Just to add to my previous post and all that ahs been said after that.
I do think the modern society is actually very dumb and ignorant , let me explain why.Not because we would not know more than we knew some time ago rather because these days we are so interested and obsessed with the feelings that the modern day man needs to be a self contained little genius.Everybody's so " smart" and all knowing these days it sometimes makes me sick just by looking at them.Today it's more about your status than what you actually know , everyone wants to be lawyer , a bank director, a famous nobel prize winning scientist and a King of a country , I too had my classmates dream of big things meanwhikle they were so ignorant to simple learning stuff they couldn't tell their right from their left.
I apologize for telling you all this kjeldsmark but I do think sometimes it's very healty to realize how far one needs to go.
Pick up a thing and ask yourself are you strong enough to lift it if your not then put it back and come to try again after you had some training.I know some sports people , you see when it comes down to physical weight lifting you cannot find a side way with a great analogy or something similar you either have it or you don't , there is no way around.
Nobody comes perfect they all had to sweat and fight a lot before they had the power to do those things they do.
As for the thread topic.
jarsta said:
this is the problem when we all come together and each of us interpret it this and that way.In this case i happen to agree with Sophie because if you have a 2+2=4 thing there is nothing to interpret anymore.your either right or your wrong.too bad but this isn;t psychology were we are being teached these days that everyone is right just in his own kind of way , I think such a teaching is destructive to the person hearing it as it leads one into thinking that no matter how wrong you get you can still be right.

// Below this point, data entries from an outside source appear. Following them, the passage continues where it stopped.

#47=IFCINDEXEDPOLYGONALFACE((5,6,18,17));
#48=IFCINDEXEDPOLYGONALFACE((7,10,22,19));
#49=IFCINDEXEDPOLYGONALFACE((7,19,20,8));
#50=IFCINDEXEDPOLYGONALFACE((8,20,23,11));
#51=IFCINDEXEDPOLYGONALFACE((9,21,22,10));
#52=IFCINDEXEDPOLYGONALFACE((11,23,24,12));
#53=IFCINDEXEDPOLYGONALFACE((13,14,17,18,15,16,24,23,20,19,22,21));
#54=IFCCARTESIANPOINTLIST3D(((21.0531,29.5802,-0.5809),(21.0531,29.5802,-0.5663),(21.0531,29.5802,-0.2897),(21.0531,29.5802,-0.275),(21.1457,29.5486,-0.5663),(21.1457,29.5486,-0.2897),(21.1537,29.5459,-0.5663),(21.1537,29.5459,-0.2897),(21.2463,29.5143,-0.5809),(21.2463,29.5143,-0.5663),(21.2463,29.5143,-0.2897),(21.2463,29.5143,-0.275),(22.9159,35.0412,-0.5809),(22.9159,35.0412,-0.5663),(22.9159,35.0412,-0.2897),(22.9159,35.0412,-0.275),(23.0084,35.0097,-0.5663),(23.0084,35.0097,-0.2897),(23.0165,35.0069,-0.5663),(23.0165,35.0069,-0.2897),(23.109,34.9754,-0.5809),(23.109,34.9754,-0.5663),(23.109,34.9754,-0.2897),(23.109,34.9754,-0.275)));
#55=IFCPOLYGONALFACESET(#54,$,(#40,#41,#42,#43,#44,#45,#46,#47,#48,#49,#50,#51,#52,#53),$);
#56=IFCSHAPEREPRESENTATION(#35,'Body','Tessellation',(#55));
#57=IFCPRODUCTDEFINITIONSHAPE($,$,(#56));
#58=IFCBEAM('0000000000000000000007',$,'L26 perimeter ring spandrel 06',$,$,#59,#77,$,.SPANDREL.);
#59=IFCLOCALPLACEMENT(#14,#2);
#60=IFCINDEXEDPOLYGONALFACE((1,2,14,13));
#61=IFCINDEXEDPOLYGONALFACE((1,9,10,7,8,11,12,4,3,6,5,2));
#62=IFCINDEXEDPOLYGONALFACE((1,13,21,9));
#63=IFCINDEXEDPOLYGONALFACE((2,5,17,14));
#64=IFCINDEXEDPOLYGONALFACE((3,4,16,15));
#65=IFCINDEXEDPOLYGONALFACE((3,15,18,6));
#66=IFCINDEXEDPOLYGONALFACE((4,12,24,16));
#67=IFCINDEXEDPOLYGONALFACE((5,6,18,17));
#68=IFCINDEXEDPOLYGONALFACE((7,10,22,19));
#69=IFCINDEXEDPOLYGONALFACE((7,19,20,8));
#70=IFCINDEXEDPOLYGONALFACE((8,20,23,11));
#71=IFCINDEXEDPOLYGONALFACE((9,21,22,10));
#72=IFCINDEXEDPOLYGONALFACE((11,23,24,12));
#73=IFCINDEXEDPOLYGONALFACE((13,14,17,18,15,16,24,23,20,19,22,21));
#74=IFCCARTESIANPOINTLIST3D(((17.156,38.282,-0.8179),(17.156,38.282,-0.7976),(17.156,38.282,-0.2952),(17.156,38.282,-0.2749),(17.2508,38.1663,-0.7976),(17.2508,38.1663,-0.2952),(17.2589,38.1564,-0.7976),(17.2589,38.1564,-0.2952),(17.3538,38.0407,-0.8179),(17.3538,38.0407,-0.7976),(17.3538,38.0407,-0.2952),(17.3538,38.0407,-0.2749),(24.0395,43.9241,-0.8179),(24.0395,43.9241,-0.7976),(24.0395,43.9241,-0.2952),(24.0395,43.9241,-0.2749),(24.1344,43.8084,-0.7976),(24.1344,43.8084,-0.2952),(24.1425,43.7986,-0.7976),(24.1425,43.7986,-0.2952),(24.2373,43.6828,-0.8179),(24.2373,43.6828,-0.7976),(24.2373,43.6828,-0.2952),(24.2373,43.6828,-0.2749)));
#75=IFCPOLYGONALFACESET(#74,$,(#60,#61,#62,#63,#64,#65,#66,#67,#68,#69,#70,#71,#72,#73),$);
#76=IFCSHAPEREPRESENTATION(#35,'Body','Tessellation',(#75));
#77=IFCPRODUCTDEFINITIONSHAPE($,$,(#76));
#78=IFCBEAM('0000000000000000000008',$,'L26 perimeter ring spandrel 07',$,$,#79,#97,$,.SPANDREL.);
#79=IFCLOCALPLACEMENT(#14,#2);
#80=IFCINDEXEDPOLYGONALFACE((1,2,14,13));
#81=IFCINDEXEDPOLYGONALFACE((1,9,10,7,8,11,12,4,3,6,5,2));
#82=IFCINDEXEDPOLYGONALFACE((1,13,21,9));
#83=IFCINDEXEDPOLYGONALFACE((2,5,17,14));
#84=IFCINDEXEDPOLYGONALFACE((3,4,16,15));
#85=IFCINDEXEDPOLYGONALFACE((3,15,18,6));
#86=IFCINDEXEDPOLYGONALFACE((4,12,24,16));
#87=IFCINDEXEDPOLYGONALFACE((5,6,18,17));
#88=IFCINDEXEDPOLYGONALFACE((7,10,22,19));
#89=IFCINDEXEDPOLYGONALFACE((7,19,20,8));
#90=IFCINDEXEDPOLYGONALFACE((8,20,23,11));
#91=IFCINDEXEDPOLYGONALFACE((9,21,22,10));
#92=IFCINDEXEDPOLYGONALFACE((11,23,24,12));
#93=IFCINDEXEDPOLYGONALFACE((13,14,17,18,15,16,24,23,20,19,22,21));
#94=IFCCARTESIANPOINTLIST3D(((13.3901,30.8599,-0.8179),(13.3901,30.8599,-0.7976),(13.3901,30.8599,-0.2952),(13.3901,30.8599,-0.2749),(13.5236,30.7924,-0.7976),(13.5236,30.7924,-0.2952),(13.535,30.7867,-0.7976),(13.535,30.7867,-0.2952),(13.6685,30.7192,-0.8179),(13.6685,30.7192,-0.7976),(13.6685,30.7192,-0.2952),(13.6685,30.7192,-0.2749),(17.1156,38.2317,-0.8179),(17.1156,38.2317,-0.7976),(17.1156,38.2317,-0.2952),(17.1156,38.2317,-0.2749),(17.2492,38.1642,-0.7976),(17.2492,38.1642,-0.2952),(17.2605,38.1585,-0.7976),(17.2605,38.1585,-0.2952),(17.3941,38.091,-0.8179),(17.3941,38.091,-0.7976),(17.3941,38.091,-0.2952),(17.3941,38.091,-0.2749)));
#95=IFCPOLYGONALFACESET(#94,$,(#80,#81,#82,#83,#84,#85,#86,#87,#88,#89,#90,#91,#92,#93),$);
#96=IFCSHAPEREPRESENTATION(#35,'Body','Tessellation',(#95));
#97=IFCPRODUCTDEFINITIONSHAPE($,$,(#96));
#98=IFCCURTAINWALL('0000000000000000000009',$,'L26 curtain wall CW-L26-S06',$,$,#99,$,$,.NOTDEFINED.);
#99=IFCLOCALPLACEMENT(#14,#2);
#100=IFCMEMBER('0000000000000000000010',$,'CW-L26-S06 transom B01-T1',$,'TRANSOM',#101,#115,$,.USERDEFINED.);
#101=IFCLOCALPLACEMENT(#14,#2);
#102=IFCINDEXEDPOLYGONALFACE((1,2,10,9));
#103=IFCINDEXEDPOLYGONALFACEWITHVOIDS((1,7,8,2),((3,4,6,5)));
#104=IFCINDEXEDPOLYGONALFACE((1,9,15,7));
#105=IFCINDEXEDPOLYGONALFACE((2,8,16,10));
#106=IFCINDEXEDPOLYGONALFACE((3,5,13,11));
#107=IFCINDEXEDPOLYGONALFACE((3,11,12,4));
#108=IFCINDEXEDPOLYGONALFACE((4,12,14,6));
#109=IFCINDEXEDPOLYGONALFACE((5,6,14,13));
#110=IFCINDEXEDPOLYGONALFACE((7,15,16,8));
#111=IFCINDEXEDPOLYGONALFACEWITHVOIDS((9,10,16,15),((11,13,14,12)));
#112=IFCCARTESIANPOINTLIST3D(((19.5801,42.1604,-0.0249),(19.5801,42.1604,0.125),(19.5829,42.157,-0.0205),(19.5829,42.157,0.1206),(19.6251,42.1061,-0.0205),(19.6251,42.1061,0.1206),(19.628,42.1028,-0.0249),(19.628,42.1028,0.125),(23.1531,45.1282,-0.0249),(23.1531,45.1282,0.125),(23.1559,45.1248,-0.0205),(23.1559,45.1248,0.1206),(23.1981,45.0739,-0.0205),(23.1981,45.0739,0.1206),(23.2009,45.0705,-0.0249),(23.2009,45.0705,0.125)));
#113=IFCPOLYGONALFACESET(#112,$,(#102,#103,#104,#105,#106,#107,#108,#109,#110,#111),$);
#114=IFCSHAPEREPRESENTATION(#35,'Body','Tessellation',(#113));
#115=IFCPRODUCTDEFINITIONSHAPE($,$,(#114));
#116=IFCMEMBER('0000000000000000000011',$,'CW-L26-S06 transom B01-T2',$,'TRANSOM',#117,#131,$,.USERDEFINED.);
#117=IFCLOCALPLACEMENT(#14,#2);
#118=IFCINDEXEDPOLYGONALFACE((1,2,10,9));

And lastly , why are you so obsessed with the against voltage thing? All that matters is that you have voltage which is called PD.It's always some kind of voltage level with respect to a common point of no voltage or lower voltage or whatever different potential at some other point, like a PD across a resistor or across the terminals of a battery.There is no pressure before PD but after you apply a PD you can think of it as a force , the electric field that is associated with the PD which is responsible for " pushing" charges in the wire.Even though pushing may even not be the best word to use here.Now the part where you say that the electric field or voltage pushes against something is the tricky thing here , have you heard os superconductors? in other word say a copper wire at very low temperatures and the current can be there forever , theoretically , so there is no more loss or resistivity so the PD does't have to push agaisnt anything.
I believe the author using the against thing just wanted to show that a PD is doing work but he could have just said that when you have a PD it does a certain amount of work which is proportional to the amount of the PD or volts you have in agiven situation.